# March Challenge #2: Spring Forward!!



## Juneplum (Mar 16, 2006)

Okay specktra lovelies! It's* SPRING *and we wanna see your lovely spring looks to welcome in the warmth, and shoo away the cold!!! Playful pinks, fresh spring greens, vibrant blues, tropical colors, glowy ethereal skin? Show us!!  

What does spring mean to you?? Is it * VIBRANT BLUES  *  












ORRRRRRR  *SOFT NEUTRALS* with a punch of color???






Soooooo post away!!! 1.....2......3....GO!!!


----------



## blueyedlady87 (Mar 16, 2006)

Very pretty! I want to try. I'm so doing one this weekend!


----------



## professionaltart (Mar 16, 2006)

ohhh i love you june plum


----------



## snowfie (Mar 16, 2006)

I lurk like crazy on here and never ever post but I must know what you have on your lips in the first couple pics!


----------



## Luxurious (Mar 16, 2006)

pretty


----------



## shadowprincess (Mar 16, 2006)

Juneplum, you look gorgeous... and i loev how the colours show on you.. beautiful!

some fotds i did past weeks..


----------



## Juneplum (Mar 16, 2006)

Quote:

   Originally Posted by *snowfie* 
_I lurk like crazy on here and never ever post but I must know what you have on your lips in the first couple pics!_

 

thanks girls! 

@ professionaltart - right back at ya babe!!! 
	

	
	
		
		

		
		
	


	




snowfie, in the 1st pic it's pink treat cremestick liner & pinkarat lustreglass. the 2nd pic is spice lipliner and saplicious lipgelee.  
	

	
	
		
		

		
		
	


	




shadowprincess those are so nice and bright!


----------



## LatinaRose (Mar 17, 2006)

juneplume, your pics are gorgeous!  what u use on your eyes in the first pic?  i love the look, so mermaid-y!


----------



## Juneplum (Mar 17, 2006)

Quote:

   Originally Posted by *LatinaRose* 
_juneplume, your pics are gorgeous!  what u use on your eyes in the first pic?  i love the look, so mermaid-y!_

 
well thank you! the break down is here:

http://specktra.net/forum/showthread...py+anniversary


----------



## user4 (Mar 17, 2006)

june u looks AWSOME!!!!!! i looooove loooooooove looooooove that first one!!!


----------



## Pei (Mar 17, 2006)

Nina!!!!! I friggin' love the soft neutral!!!

Absolutely gorgeous !


----------



## DaisyDee (Mar 17, 2006)

Quote:

   Originally Posted by *Juneplum* 
_Okay specktra lovelies! It's* SPRING *and we wanna see your lovely spring looks to welcome in the warmth, and shoo away the cold!!! Playful pinks, fresh spring greens, vibrant blues, tropical colors, glowy ethereal skin? Show us!!  

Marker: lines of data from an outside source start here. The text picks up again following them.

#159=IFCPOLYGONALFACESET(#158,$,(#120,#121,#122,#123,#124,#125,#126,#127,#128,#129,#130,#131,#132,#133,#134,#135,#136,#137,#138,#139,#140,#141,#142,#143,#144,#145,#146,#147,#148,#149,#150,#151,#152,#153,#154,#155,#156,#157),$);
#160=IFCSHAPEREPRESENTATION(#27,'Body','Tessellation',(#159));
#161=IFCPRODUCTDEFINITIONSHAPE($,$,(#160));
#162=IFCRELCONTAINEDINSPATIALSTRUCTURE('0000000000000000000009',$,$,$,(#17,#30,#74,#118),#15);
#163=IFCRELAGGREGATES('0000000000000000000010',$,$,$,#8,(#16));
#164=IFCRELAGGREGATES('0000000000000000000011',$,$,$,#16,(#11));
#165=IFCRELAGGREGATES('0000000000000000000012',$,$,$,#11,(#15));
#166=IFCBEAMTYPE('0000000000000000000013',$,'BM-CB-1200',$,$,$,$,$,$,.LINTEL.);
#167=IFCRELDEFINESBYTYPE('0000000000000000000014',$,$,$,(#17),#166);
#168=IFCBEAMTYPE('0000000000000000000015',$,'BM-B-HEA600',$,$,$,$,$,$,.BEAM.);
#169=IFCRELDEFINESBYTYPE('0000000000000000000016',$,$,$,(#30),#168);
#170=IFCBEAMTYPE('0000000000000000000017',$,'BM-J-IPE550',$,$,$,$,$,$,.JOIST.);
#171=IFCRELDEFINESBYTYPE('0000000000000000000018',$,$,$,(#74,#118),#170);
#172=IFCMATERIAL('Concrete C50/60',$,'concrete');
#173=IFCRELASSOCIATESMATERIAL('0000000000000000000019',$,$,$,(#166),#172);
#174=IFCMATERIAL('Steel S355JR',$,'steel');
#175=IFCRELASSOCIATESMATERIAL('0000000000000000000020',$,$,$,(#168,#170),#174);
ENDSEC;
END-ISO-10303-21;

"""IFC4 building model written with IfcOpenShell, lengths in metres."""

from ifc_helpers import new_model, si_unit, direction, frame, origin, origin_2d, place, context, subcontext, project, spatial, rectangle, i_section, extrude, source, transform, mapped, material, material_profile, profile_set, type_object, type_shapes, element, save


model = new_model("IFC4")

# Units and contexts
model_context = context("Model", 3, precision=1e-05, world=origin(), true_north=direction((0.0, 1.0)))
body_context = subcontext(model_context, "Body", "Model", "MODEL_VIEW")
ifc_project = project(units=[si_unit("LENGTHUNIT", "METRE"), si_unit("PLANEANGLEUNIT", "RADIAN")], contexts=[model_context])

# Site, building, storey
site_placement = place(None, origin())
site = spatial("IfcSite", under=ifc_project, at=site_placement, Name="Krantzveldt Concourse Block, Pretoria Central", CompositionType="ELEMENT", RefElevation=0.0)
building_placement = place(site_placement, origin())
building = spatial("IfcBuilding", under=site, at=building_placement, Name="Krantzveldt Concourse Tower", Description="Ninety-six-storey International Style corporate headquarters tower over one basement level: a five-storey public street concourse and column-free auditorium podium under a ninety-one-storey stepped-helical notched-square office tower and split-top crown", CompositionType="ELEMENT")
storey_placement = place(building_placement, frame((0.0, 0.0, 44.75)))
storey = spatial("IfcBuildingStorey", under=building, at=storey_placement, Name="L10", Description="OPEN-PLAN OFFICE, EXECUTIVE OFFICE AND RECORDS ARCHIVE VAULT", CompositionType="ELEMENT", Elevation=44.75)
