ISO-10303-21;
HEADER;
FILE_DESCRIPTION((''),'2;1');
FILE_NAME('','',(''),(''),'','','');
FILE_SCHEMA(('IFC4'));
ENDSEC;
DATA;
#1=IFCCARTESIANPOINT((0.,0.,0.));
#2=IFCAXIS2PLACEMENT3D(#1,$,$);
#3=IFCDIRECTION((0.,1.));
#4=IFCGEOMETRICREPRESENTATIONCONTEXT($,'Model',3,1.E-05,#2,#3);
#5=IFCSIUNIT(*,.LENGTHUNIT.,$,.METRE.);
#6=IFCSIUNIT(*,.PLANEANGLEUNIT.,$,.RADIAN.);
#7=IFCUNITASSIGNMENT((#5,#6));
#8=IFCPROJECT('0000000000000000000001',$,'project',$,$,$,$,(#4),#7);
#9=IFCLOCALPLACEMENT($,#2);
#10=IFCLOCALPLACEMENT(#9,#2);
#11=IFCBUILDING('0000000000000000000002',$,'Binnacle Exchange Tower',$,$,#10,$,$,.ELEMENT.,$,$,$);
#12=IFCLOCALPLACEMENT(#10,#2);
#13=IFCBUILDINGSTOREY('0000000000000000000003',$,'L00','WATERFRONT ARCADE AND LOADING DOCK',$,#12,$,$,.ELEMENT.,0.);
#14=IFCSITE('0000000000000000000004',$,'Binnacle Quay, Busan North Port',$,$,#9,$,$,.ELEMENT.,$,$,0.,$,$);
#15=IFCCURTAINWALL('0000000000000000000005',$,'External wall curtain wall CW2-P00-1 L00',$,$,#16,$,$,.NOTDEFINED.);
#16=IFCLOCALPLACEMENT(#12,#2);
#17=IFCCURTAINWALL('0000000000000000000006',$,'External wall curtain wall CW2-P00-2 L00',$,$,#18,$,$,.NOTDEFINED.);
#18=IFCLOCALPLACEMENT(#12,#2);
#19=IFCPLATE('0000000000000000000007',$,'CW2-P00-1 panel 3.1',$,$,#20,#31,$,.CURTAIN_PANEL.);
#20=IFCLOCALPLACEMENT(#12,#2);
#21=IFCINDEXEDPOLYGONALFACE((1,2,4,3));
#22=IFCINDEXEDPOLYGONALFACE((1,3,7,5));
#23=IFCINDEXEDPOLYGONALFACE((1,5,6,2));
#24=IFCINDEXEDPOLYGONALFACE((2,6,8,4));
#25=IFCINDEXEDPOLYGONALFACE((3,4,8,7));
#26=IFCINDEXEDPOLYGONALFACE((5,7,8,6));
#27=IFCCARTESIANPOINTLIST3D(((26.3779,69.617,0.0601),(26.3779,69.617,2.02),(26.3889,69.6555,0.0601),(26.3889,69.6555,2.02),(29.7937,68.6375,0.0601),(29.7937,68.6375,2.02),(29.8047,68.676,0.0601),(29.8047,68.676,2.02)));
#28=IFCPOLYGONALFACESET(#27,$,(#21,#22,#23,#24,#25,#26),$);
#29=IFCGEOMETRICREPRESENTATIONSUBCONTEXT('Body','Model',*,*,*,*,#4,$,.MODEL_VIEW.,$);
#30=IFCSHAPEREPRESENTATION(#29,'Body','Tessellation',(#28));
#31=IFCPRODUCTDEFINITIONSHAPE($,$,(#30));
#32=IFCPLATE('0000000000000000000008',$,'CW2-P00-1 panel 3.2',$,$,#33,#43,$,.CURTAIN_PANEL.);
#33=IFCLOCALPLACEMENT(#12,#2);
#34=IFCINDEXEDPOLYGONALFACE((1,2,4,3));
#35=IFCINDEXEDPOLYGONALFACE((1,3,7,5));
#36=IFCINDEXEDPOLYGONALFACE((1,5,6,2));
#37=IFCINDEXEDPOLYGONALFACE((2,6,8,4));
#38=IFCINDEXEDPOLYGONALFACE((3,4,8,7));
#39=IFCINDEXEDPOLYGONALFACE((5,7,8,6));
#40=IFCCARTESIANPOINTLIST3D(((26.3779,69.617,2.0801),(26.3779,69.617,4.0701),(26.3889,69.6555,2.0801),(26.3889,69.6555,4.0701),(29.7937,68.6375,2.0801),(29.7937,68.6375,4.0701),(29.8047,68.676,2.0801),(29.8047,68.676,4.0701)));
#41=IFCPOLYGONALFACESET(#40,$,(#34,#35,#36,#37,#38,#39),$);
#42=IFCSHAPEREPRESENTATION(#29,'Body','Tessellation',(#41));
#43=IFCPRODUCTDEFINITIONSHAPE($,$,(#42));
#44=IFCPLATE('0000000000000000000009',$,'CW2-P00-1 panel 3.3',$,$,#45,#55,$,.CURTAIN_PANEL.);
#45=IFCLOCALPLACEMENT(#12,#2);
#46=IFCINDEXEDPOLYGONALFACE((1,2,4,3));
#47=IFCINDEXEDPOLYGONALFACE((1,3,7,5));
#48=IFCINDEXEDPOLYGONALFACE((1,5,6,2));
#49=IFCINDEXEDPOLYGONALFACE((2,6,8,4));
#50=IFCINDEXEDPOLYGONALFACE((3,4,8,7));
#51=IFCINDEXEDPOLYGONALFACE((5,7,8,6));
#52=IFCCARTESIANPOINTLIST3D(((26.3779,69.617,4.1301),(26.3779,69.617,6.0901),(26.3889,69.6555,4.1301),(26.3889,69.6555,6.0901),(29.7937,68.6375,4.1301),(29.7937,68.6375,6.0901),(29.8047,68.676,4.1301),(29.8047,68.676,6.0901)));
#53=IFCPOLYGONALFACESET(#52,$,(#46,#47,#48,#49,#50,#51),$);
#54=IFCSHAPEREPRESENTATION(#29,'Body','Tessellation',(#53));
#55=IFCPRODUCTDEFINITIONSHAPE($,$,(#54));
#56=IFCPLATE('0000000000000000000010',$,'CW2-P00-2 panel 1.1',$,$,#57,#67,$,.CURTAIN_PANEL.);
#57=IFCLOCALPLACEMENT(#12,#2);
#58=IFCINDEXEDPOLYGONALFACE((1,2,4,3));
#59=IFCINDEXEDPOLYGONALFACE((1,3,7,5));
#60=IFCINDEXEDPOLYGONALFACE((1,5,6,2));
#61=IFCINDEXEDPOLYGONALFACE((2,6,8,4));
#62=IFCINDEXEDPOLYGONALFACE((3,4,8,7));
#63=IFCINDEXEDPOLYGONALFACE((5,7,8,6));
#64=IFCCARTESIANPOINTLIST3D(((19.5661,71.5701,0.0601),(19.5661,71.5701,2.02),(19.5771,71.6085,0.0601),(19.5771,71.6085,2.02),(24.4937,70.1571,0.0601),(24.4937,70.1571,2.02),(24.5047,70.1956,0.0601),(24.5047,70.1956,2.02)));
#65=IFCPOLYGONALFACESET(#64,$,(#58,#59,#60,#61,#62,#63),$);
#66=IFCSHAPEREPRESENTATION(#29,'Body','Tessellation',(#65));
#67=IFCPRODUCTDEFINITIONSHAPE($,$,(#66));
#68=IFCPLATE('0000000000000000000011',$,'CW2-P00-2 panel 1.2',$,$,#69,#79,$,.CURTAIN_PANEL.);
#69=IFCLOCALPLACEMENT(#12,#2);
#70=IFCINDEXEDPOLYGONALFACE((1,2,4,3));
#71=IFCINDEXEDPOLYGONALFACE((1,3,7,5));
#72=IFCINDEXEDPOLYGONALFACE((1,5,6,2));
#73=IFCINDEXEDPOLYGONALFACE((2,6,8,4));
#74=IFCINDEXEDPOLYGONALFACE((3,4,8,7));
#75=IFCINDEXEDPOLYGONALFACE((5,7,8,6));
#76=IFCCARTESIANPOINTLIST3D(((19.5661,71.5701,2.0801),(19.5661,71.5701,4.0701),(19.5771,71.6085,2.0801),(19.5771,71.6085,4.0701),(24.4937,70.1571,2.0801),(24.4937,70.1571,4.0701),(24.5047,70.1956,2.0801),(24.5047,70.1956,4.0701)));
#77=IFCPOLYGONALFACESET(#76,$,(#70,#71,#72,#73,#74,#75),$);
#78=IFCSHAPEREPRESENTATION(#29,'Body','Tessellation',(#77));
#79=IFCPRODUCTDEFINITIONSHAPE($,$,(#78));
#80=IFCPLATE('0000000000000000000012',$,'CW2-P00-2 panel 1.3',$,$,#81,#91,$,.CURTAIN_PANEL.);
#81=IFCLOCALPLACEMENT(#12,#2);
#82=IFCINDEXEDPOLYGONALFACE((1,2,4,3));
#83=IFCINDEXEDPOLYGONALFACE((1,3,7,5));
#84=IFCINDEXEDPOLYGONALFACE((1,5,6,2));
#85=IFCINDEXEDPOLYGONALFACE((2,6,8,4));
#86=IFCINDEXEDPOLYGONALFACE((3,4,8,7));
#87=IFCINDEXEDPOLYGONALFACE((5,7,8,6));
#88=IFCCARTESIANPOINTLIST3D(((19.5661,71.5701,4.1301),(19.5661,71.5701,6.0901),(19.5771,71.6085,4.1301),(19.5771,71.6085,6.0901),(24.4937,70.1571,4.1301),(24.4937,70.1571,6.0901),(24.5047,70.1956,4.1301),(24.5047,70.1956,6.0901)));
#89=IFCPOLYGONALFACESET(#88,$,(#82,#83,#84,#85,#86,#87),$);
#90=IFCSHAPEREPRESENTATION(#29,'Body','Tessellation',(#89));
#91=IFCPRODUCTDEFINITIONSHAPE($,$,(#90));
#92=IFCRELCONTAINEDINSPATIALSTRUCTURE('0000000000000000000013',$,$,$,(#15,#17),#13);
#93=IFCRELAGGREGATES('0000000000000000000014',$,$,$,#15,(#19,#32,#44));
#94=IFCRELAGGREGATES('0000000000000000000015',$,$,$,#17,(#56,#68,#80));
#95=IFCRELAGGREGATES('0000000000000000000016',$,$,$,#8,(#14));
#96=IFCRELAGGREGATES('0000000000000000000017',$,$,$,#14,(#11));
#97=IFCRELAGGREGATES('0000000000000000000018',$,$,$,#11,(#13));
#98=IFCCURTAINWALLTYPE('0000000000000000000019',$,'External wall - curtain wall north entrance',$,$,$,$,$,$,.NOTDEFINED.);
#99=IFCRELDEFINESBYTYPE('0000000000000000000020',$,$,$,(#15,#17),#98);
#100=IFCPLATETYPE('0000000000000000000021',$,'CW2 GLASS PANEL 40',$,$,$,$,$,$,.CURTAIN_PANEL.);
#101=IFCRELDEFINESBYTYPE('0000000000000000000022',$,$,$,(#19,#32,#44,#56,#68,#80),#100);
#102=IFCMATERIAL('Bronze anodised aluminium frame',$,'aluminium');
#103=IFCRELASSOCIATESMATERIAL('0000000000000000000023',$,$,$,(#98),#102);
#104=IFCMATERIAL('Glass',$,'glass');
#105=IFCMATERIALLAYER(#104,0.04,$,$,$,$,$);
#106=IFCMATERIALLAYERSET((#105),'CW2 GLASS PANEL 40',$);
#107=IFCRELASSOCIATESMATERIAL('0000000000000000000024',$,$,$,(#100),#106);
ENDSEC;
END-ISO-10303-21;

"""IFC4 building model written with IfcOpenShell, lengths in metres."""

from ifc_helpers import new_model, si_unit, direction, frame, origin, origin_2d, place, context, subcontext, project, spatial, rectangle, extrude, material, layer, layer_set, type_object, element, aggregate, save


model = new_model("IFC4")

# Units and contexts
model_context = context("Model", 3, precision=1e-05, world=origin(), true_north=direction((0.0, 1.0)))
body_context = subcontext(model_context, "Body", "Model", "MODEL_VIEW")
ifc_project = project(units=[si_unit("LENGTHUNIT", "METRE"), si_unit("PLANEANGLEUNIT", "RADIAN")], contexts=[model_context])

# Site, building, storey
site_placement = place(None, origin())
site = spatial("IfcSite", under=ifc_project, at=site_placement, Name="Binnacle Quay, Busan North Port", CompositionType="ELEMENT", RefElevation=0.0)
building_placement = place(site_placement, origin())
building = spatial("IfcBuilding", under=site, at=building_placement, Name="Binnacle Exchange Tower", CompositionType="ELEMENT")
storey_placement = place(building_placement, origin())
storey = spatial("IfcBuildingStorey", under=building, at=storey_placement, Name="L00", Description="WATERFRONT ARCADE AND LOADING DOCK", CompositionType="ELEMENT", Elevation=0.0)

# Curtain wall
ifc_material_1 = material(Name="Bronze anodised aluminium frame", Category="aluminium")
curtain_wall_type = type_object("IfcCurtainWallType", Name="External wall - curtain wall north entrance", PredefinedType="NOTDEFINED", material=ifc_material_1)
curtain_wall_1_placement = place(storey_placement, origin())
curtain_wall_1 = element("IfcCurtainWall", 1, at=curtain_wall_1_placement, inside=storey, type_object=curtain_wall_type, Name="External wall curtain wall CW2-P00-1 L00", PredefinedType="NOTDEFINED")

# Curtain wall
curtain_wall_2_placement = place(storey_placement, origin())
curtain_wall_2 = element("IfcCurtainWall", 2, at=curtain_wall_2_placement, inside=storey, type_object=curtain_wall_type, Name="External wall curtain wall CW2-P00-2 L00", PredefinedType="NOTDEFINED")

# Plates
ifc_material_2 = material(Name="Glass", Category="glass")
ifc_layer_1 = layer(ifc_material_2, 0.04)
ifc_layer_set_1 = layer_set([ifc_layer_1], Name="CW2 GLASS PANEL 40")
plate_type = type_object("IfcPlateType", Name="CW2 GLASS PANEL 40", PredefinedType="CURTAIN_PANEL", material=ifc_layer_set_1)
plate_1_placement = place(storey_placement, frame((28.0913, 69.1465, 0.0601), z_axis=(0.0, 0.0, 1.0), x_axis=(-0.961262, 0.275637, 0.0)))
plate_1 = element("IfcPlate", 3, at=plate_1_placement, type_object=plate_type, Name="CW2-P00-1 panel 3.1", PredefinedType="CURTAIN_PANEL", context=body_context, shape_type="SweptSolid", body=[
    extrude(rectangle(XDim=3.5535, YDim=0.04, at=origin_2d()), origin(), (0.0, 0.0, 1.0), 1.96),
])
plate_2_placement = place(storey_placement, frame((28.0913, 69.1465, 2.0801), z_axis=(0.0, 0.0, 1.0), x_axis=(-0.961262, 0.275637, 0.0)))
plate_2 = element("IfcPlate", 4, at=plate_2_placement, type_object=plate_type, Name="CW2-P00-1 panel 3.2", PredefinedType="CURTAIN_PANEL", context=body_context, shape_type="SweptSolid", body=[
    extrude(rectangle(XDim=3.5535, YDim=0.04, at=origin_2d()), origin(), (0.0, 0.0, 1.0), 1.99),
])
plate_3_placement = place(storey_placement, frame((28.0913, 69.1465, 4.1301), z_axis=(0.0, 0.0, 1.0), x_axis=(-0.961262, 0.275637, 0.0)))
plate_3 = element("IfcPlate", 5, at=plate_3_placement, type_object=plate_type, Name="CW2-P00-1 panel 3.3", PredefinedType="CURTAIN_PANEL", context=body_context, shape_type="SweptSolid", body=[
    extrude(rectangle(XDim=3.5535, YDim=0.04, at=origin_2d()), origin(), (0.0, 0.0, 1.0), 1.96),
])
aggregate(curtain_wall_1, [plate_1, plate_2, plate_3])
plate_4_placement = place(storey_placement, frame((22.0354, 70.8828, 0.0601), z_axis=(0.0, 0.0, 1.0), x_axis=(-0.961262, 0.275637, 0.0)))
plate_4 = element("IfcPlate", 6, at=plate_4_placement, type_object=plate_type, Name="CW2-P00-2 panel 1.1", PredefinedType="CURTAIN_PANEL", context=body_context, shape_type="SweptSolid", body=[
    extrude(rectangle(XDim=5.1262, YDim=0.04, at=origin_2d()), origin(), (0.0, 0.0, 1.0), 1.96),
])
plate_5_placement = place(storey_placement, frame((22.0354, 70.8828, 2.0801), z_axis=(0.0, 0.0, 1.0), x_axis=(-0.961262, 0.275637, 0.0)))
plate_5 = element("IfcPlate", 7, at=plate_5_placement, type_object=plate_type, Name="CW2-P00-2 panel 1.2", PredefinedType="CURTAIN_PANEL", context=body_context, shape_type="SweptSolid", body=[
    extrude(rectangle(XDim=5.1262, YDim=0.04, at=origin_2d()), origin(), (0.0, 0.0, 1.0), 1.99),
])
plate_6_placement = place(storey_placement, frame((22.0354, 70.8828, 4.1301), z_axis=(0.0, 0.0, 1.0), x_axis=(-0.961262, 0.275637, 0.0)))
plate_6 = element("IfcPlate", 8, at=plate_6_placement, type_object=plate_type, Name="CW2-P00-2 panel 1.3", PredefinedType="CURTAIN_PANEL", context=body_context, shape_type="SweptSolid", body=[
    extrude(rectangle(XDim=5.1262, YDim=0.04, at=origin_2d()), origin(), (0.0, 0.0, 1.0), 1.96),
])
aggregate(curtain_wall_2, [plate_4, plate_5, plate_6])

save(model, "model.ifc")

What does spring mean to you?? Is it * VIBRANT BLUES  *  











ORRRRRRR  *SOFT NEUTRALS* with a punch of color???






Soooooo post away!!! 1.....2......3....GO!!!  
	

	
	
		
		

		
		
	


	


_

 

You're sooooo pretty!  I love both looks!


----------



## Colorqueen (Mar 18, 2006)

My first spring post.   I tend to wear a lot of bright spring colors this time of year, so I will probably post more as the month proceeds.


----------



## amourbliss (Mar 19, 2006)

juneplum, youre first look is outstanding...what did you use?


----------



## Luxurious (Mar 19, 2006)

very nice.


----------



## Nycutie182 (Mar 19, 2006)




----------



## nerdalicious (Mar 20, 2006)

I didn't really get any good photos of this, I was sooo tired I could not hold the camera still, so they're blurry, but here ya go.


----------



## aziajs (Mar 20, 2006)

Here are two slightly different looks.  The eyes are a little different but the same colors.  The lips are the same.  The cheeks are different, but it doesn't show.


----------



## Juneplum (Mar 21, 2006)

wow u girls look great! i LOVE the purples on u aziajs! keep 'em coming girls =)


----------



## Colorqueen (Mar 21, 2006)

These looks are all so inspiring!  Keep them coming!


----------



## Colorqueen (Mar 21, 2006)

Two more springy looks on the subdued side







The next one I have only lipgloss and blush on (and was really tired from being up all night), but thought I would post anyway for fans of the minimalist looks.


----------



## user4 (Mar 21, 2006)

nice going ladies... i'll do this one of these days... ugh... i suck!!! i havent done a challenge in like 4 months if not more...


----------



## snickrs (Mar 22, 2006)

dont mind the hair..it looks like crap..hehe


----------



## Silvana (Mar 23, 2006)

Here spring doesnt thaw out until june.


----------



## Juneplum (Mar 23, 2006)

ooh well done! colorqueen i just love how fun you are!! your pics always make me smiles


----------



## Colorqueen (Mar 24, 2006)

Quote:

   Originally Posted by *Juneplum* 
_ooh well done! colorqueen i just love how fun you are!! your pics always make me smiles 
	

	
	
		
		

		
		
	


	


_

 
Thanks- comments like that keep me going.


----------



## Colorqueen (Mar 24, 2006)

Quote:

   Originally Posted by *Silvana* 
_Here spring doesnt thaw out until june.




_

 
What you did with your lips in these photos is really creative- great look!


----------



## Bootyliciousx (Mar 24, 2006)

Quote:

   Originally Posted by *Juneplum* 
_Okay specktra lovelies! It's* SPRING *and we wanna see your lovely spring looks to welcome in the warmth, and shoo away the cold!!! Playful pinks, fresh spring greens, vibrant blues, tropical colors, glowy ethereal skin? Show us!!  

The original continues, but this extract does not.